Avoiding the Holiday Nutrition Snowball Effect


Nutrition is already difficult. And this time of year takes things to another level.

We know it’s coming in the next month or so, leading up through New Year’s…

We’ve built up good momentum, are already consistent with our fitness and nutrition, and are feeling pretty good.

We’re eating quality foods 80% + most of our days and we’re hitting our fitness consistently 2+ times per week without deviation.

Our next greatest opponent to challenge all the behaviors and momentum we’ve built is right around the corner: The holiday season.

The holiday season challenges all of that in its own unique ways.

I know that in the past we’ve gotten:

  • Very stressed around the holidays,
  • Fallen off our nutrition routine
  • Lost consistency with fitness

And these patterns are likely to emerge and challenge us again and again.


While the holiday season is an exciting time, with family gatherings, memories, delicious foods, and quality time with the people we love, it’s very natural and normal for our nutrition and fitness to take a small step back.

How big of that step back is in your hands and your control.

The snowball effect happens when that small step back turns into walking backwards or in complete reverse.


At Thanksgiving, we are around people we love and we feast. We are in company we love and enjoy and we let our guards down temporarily.

We eat foods we wouldn’t or don’t normally eat on a regular day-to-day basis.

These tasty treats and variance throws our taste buds into extreme sensation and pleasure-seeking mode.

This snowballs when ONE day with ONE meal turns into days or even weeks of over-indulging or eating too much of those joy foods and not enough real, whole food.

We are officially off our routine.

Then with Christmas around the corner our levels of stress are higher.

This leads to that need for a quick impulse or feel-good to be at an even higher level, so we continue down this path.

As exciting as Christmas is for most of us, we can be in a constant state of stress about schedules, gifts, shopping, expectations or worries.

We then skip the gym more, and lose out on our daily dose of health, wellness and endorphins.

Missing a day here or there is normal and isn’t going to derail our progress.

It’s when we fall off our normal 2, 3, 4 or 5 day a week fitness regime that we put ourselves in this hole and the further we get into, the harder it is to get out of it.

And when we do eventually make our return we are unfortunately met with difficulty, a feeling of everything is difficult and we’re winded so quickly and easily.
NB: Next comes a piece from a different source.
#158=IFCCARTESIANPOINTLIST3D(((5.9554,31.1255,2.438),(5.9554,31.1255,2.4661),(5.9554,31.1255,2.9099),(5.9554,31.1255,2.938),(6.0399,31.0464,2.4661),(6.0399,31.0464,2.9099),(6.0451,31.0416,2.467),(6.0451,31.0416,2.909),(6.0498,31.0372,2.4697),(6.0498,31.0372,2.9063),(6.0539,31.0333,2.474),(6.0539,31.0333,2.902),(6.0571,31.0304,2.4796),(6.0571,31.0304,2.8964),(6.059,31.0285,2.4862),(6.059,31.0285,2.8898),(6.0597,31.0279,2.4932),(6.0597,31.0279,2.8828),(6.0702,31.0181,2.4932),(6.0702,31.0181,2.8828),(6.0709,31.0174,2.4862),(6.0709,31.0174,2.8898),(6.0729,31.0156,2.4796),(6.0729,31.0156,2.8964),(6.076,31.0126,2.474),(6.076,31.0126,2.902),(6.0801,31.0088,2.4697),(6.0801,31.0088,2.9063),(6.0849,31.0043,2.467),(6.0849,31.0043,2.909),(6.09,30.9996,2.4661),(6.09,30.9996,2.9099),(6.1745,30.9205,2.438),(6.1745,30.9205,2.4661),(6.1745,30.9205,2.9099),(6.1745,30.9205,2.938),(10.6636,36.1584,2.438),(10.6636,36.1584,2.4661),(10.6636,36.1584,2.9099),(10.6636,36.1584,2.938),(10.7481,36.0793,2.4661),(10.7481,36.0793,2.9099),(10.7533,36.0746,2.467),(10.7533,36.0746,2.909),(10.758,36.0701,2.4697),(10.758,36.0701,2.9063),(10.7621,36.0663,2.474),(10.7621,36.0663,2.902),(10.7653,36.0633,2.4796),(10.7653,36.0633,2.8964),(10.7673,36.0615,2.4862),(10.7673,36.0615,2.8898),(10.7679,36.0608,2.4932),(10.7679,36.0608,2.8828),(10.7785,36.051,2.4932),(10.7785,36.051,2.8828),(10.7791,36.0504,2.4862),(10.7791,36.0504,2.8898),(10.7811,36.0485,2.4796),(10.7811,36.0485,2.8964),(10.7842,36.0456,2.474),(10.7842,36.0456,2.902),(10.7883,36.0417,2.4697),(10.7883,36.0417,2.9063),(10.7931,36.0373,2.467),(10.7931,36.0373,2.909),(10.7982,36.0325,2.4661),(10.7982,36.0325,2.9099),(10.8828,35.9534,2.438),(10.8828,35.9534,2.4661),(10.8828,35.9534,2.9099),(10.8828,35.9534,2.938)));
We’re out of shape!

This makes the very thing we loved and enjoyed so regularly seem so difficult.

Our will is challenged.

And then, New Year’s hits.

A classic time where people stay up later than normal, overeat snacks and drink alcohol to celebrate the closing of a year and beginning of another.

The staying up late, food and alcohol combination throws off our entire daily rhythm and leaves us with more anguish than excitement.
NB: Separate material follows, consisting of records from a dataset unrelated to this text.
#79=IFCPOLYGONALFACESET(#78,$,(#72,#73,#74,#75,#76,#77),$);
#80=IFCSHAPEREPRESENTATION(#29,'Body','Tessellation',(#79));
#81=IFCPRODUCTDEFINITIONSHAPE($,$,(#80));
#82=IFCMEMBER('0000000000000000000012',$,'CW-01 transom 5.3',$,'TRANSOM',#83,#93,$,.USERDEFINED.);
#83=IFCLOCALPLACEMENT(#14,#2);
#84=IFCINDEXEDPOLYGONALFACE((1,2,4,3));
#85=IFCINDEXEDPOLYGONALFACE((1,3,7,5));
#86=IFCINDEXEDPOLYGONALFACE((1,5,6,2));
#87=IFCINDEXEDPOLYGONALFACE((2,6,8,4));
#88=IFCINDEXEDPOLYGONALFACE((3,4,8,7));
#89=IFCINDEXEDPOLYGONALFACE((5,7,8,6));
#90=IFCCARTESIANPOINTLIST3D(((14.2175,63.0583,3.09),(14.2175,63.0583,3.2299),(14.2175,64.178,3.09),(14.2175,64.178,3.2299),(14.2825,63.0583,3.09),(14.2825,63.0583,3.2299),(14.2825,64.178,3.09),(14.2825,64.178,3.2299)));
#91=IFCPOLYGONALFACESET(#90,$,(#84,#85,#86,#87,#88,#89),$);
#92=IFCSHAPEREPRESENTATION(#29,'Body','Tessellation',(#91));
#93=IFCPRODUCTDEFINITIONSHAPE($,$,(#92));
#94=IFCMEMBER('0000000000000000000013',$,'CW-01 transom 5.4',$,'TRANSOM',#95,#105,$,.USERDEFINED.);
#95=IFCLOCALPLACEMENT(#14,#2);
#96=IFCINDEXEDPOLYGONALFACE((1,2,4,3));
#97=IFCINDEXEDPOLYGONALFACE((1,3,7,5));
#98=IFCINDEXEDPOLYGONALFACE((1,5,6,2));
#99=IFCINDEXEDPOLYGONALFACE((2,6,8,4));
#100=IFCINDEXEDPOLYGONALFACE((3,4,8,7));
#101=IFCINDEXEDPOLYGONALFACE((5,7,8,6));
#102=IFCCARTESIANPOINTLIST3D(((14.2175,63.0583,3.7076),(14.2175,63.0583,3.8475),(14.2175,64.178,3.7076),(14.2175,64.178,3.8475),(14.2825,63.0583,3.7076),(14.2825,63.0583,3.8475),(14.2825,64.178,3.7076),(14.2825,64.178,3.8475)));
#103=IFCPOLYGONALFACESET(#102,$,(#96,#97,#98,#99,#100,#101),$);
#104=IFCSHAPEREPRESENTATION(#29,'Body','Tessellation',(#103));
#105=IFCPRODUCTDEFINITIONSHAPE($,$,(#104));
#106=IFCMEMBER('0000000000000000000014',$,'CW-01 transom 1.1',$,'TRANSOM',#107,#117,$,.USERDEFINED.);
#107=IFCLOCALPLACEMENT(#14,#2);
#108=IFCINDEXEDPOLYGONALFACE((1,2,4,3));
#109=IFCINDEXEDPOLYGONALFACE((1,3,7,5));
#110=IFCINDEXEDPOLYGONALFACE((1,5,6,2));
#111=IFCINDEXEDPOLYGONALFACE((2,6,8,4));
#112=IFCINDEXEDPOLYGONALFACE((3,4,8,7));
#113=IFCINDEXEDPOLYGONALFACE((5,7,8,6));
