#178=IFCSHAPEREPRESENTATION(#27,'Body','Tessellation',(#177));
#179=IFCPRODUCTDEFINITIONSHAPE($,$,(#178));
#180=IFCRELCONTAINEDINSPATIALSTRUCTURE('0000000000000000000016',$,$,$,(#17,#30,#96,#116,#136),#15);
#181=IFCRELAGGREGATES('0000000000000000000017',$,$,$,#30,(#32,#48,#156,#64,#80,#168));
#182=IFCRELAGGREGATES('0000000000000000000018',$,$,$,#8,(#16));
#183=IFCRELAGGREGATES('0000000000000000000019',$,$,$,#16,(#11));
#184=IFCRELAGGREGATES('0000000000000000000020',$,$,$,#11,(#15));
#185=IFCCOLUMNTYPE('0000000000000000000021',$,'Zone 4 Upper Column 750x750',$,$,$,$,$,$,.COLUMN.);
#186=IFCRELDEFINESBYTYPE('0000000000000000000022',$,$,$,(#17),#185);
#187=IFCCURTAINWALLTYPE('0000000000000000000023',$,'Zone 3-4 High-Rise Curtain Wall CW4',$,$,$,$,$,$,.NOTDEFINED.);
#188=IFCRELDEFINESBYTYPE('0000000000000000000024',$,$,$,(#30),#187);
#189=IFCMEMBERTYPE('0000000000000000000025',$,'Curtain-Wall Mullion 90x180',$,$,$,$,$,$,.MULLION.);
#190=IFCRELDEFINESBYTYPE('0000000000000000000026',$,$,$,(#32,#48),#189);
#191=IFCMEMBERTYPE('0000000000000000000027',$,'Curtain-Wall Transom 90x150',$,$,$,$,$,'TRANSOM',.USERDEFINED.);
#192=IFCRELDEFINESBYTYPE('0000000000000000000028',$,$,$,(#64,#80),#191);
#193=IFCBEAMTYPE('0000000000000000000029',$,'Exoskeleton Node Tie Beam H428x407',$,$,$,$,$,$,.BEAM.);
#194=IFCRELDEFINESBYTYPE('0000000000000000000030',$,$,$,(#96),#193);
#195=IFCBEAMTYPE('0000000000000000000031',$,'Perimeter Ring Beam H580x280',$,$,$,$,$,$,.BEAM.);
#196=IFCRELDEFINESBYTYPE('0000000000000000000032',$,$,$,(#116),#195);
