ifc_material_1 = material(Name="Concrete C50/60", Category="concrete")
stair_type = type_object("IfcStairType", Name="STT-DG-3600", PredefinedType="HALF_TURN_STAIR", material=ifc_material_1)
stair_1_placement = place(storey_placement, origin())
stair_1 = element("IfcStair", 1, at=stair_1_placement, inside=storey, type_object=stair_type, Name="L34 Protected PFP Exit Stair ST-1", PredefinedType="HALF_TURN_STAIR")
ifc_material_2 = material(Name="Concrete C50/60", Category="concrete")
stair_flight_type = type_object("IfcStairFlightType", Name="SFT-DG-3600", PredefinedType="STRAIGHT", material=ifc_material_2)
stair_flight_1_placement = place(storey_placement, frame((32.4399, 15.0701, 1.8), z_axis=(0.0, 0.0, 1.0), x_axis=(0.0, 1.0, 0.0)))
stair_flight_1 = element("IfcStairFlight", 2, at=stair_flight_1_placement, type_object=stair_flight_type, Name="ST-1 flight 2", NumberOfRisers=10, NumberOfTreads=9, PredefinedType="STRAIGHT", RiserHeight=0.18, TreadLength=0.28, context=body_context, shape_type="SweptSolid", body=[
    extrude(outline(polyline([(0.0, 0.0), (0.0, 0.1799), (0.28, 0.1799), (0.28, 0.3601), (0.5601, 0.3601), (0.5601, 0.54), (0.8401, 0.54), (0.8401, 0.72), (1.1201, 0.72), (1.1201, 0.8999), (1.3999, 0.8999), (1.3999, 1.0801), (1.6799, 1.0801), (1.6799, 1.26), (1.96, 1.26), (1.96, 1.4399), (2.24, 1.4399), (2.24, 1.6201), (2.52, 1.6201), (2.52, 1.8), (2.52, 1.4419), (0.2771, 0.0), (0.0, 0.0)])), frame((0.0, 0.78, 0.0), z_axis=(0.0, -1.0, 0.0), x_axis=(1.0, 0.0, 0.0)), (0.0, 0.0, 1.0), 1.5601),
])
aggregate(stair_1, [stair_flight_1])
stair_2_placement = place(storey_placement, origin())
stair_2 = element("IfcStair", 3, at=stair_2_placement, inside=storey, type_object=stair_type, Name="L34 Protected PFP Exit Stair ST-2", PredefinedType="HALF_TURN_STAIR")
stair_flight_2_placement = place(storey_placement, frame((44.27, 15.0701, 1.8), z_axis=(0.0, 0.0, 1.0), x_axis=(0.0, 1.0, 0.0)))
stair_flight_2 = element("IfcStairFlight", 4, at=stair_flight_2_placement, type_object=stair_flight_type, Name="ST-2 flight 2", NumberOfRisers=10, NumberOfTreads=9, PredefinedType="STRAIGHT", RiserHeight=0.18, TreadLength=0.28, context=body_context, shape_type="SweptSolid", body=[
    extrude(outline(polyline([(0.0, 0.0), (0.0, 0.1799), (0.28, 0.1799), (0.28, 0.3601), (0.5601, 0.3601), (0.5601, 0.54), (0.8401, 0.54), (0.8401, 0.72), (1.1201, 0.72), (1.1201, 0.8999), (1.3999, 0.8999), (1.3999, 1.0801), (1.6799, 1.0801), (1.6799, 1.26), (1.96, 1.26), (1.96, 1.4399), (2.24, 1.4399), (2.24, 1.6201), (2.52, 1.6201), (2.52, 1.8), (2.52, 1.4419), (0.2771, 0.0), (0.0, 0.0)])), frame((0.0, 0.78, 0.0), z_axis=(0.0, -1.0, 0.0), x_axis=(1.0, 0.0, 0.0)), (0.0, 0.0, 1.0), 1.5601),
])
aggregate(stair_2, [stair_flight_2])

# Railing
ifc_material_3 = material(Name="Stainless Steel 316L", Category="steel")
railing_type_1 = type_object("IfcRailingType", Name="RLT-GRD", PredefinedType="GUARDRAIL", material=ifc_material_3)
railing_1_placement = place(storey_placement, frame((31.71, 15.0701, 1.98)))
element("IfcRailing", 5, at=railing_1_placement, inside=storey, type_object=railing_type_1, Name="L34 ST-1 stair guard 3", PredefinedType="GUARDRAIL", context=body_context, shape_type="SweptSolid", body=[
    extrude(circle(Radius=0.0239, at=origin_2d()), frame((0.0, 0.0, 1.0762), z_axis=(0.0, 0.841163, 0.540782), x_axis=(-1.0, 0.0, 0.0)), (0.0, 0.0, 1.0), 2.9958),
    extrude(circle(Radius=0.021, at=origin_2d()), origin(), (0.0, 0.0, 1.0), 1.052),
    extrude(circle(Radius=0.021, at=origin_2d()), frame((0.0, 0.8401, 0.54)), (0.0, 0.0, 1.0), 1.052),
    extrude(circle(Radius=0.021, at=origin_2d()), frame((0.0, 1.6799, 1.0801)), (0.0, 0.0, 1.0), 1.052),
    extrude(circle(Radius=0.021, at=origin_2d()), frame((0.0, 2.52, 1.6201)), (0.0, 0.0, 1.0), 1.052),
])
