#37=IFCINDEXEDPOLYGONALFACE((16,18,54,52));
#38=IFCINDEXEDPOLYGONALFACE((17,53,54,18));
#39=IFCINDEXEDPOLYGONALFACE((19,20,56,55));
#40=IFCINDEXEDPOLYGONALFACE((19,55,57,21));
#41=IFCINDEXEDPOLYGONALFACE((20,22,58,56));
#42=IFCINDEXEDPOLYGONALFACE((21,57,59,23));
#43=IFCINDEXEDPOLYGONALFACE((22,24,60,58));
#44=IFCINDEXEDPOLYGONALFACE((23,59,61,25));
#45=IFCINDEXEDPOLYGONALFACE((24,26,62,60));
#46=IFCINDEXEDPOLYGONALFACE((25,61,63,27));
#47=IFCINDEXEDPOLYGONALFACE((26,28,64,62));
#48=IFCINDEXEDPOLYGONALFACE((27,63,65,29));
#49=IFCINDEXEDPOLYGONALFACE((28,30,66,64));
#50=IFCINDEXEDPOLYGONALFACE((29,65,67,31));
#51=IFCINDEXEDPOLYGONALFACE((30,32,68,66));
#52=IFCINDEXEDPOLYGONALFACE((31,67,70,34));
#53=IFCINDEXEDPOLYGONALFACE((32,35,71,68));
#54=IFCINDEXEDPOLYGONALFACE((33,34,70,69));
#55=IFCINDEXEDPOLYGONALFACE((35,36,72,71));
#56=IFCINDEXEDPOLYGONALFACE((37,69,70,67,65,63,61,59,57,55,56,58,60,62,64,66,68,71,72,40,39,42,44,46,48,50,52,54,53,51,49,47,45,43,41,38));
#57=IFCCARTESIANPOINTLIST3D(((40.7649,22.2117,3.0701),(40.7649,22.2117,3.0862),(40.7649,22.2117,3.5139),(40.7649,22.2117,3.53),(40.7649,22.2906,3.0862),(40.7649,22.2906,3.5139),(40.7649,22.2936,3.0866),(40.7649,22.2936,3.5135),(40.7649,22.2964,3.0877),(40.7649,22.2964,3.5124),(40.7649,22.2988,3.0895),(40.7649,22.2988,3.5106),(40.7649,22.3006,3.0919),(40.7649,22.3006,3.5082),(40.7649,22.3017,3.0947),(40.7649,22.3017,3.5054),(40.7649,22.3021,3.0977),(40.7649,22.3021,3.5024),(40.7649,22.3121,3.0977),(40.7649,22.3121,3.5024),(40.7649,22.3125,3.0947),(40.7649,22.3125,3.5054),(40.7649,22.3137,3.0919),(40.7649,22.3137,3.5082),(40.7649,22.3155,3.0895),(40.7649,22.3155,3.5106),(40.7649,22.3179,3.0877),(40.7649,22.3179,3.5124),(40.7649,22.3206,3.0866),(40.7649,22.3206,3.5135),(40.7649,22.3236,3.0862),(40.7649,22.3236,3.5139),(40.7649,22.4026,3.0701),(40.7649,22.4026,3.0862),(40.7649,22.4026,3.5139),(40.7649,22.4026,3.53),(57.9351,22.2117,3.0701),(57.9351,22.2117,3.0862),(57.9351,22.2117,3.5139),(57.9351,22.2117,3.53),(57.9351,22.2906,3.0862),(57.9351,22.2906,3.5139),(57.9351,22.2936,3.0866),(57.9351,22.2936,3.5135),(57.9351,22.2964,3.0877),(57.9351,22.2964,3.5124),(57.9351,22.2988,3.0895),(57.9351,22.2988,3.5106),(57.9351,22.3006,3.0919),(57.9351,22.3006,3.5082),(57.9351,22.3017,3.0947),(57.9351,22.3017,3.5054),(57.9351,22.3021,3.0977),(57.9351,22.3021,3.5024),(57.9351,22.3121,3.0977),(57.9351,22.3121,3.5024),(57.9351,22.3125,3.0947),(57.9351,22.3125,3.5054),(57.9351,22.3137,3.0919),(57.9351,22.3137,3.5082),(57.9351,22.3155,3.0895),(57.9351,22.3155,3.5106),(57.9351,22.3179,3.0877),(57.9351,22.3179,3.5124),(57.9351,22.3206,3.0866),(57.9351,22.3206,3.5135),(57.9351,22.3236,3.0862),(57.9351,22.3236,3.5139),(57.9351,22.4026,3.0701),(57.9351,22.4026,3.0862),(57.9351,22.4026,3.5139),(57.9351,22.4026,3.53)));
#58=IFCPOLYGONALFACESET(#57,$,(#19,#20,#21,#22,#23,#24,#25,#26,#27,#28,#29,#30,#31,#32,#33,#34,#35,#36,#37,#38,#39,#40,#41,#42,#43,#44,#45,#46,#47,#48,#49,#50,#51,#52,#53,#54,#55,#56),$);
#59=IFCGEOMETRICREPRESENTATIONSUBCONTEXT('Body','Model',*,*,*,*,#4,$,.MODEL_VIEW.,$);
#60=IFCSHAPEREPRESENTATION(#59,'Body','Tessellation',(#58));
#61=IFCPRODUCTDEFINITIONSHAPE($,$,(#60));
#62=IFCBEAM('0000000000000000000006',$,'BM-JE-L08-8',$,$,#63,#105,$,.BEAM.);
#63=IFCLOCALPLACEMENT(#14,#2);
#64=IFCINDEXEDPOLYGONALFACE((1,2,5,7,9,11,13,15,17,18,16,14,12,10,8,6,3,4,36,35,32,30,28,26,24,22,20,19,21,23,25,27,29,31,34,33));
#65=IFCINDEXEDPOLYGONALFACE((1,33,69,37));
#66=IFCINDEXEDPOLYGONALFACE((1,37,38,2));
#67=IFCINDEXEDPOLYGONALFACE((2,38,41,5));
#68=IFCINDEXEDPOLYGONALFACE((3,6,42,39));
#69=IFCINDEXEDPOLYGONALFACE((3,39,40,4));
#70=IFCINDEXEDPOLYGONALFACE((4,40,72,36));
These factors in combination put the downhill snowball effect in full speed.

They challenge all the good behaviors, mindset/mentality and healthy consistent actions we’ve built up over the past year.


Aware – Acknowledge – Action

Awareness, that’s the first step.

Second, we must acknowledge.

We can acknowledge that our nutrition will not be perfect over Thanksgiving and Christmas and that we will fully enjoy those meals and moments with loved ones, guilt free.
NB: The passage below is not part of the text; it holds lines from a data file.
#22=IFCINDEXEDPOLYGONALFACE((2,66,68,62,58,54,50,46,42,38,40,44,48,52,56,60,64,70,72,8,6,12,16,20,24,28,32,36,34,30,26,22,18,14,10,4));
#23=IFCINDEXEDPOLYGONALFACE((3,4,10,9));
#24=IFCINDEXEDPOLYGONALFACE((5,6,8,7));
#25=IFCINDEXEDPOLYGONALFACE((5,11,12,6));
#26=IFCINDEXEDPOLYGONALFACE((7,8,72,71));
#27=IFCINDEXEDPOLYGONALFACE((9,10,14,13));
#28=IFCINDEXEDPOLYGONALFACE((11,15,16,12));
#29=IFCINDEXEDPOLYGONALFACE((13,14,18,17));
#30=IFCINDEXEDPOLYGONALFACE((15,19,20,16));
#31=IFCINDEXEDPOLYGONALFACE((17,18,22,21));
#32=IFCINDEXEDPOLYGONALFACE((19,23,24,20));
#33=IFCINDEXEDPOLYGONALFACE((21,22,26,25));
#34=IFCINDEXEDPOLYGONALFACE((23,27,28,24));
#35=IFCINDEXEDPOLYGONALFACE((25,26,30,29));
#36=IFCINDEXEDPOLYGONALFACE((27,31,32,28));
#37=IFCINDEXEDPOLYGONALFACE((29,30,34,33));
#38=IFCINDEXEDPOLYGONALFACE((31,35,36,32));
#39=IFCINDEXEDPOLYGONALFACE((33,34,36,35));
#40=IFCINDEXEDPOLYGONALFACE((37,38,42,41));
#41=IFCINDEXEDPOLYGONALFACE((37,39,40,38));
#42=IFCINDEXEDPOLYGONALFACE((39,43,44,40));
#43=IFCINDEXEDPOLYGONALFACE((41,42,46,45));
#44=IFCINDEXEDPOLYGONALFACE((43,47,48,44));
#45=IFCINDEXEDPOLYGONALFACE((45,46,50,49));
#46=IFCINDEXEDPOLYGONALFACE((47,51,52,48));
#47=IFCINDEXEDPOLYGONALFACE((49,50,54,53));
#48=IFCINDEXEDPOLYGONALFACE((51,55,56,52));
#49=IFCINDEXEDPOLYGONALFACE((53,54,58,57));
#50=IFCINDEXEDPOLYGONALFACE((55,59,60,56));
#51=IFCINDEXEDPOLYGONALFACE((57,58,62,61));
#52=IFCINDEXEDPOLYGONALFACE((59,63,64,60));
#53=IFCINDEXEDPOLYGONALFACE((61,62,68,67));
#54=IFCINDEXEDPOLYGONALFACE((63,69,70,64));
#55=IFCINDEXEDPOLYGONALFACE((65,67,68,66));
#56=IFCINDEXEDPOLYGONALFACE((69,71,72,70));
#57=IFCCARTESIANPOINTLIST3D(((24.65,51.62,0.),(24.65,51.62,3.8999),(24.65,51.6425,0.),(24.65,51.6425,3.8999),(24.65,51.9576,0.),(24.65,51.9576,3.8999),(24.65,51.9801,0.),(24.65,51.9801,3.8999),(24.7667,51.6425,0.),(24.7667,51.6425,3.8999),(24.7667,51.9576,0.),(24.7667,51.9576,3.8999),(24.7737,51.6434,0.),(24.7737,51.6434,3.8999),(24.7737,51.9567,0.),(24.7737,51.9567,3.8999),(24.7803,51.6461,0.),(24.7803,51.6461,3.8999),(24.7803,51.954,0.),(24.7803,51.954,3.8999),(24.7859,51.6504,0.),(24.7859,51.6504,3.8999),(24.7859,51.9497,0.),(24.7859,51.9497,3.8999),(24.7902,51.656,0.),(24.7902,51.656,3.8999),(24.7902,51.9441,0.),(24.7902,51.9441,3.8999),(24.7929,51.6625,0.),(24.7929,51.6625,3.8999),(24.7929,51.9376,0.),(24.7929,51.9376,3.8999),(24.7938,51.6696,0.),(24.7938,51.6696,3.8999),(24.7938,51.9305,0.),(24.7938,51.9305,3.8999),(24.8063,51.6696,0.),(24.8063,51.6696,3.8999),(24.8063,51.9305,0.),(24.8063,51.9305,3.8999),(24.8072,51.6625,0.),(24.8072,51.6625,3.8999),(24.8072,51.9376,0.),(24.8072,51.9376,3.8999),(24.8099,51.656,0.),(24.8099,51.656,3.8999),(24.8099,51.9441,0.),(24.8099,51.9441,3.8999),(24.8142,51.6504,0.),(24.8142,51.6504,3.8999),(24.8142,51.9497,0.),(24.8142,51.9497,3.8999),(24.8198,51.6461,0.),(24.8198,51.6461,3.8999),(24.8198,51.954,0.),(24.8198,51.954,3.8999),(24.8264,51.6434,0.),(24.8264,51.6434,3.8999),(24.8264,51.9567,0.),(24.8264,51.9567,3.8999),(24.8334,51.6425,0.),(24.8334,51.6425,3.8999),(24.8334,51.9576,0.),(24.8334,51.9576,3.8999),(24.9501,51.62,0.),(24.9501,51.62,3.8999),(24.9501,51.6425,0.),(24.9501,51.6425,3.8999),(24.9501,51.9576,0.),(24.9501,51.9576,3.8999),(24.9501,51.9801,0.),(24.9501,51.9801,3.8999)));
We acknowledge in advance that we will likely be around others (people we love) who don’t share the same will, drive, discipline or goals as we do.

Sadly, even the same desire for high levels of health and wellness are not shared.

(Friendly tip: If your family knows you as the “healthy person” or “workout nut” a couple things may happen during this time of year…..
One – they may challenge your discipline or healthy ways, or Two – they may talk or communicate in a way that almost shames you for being so healthy or them for not. I encourage you to not be reactive but to lead by example and allow your best self to show up in these instances. Meet them with unwavering love and understanding. What is really being said without actually being said is “I wish I had the level of discipline and commitment to my health as you do.”)

We acknowledge that although we may travel or need to do holiday shopping or be out of town, we will remain MORE consistent within the gym than not.

Third step, the most critical is we take action.

We take action in not letting ourselves spiral out of control due to 1-2 holiday indulgences.

We take action in committing to a minimum amount of days in the gym per week because we know it will lower our stress, help keep moving us closer to our goals, bettering us daily and that if we don’t we dig a hole that the deeper it gets the harder to climb out.

We take action in planning our nutrition and meal prep ahead of time.

We plan our schedules around our workouts.

We plan what days we will be traveling.

We plan what healthy and nutrient foods we will be eating a majority of our days.

We plan to get back on track the meal or day after we eat “out of the norm.”

We plan ahead and we vow to not let 1 or 2 days where we eat out of routine (Thanksgiving and Christmas) make the other 30+ days of nutrition a wash and set ourselves further away from our ultimate goal and actually hinder our progress, body composition and ultimately how we feel day to day.

We know this time of year our healthy habits will be challenged the most.

We get ahead of that challenge by being aware it’s coming, acknowledging what we need to do and not do and taking and committing to action.

Because the alternative?

That snowball effect turns into an avalanche that some can never recover from.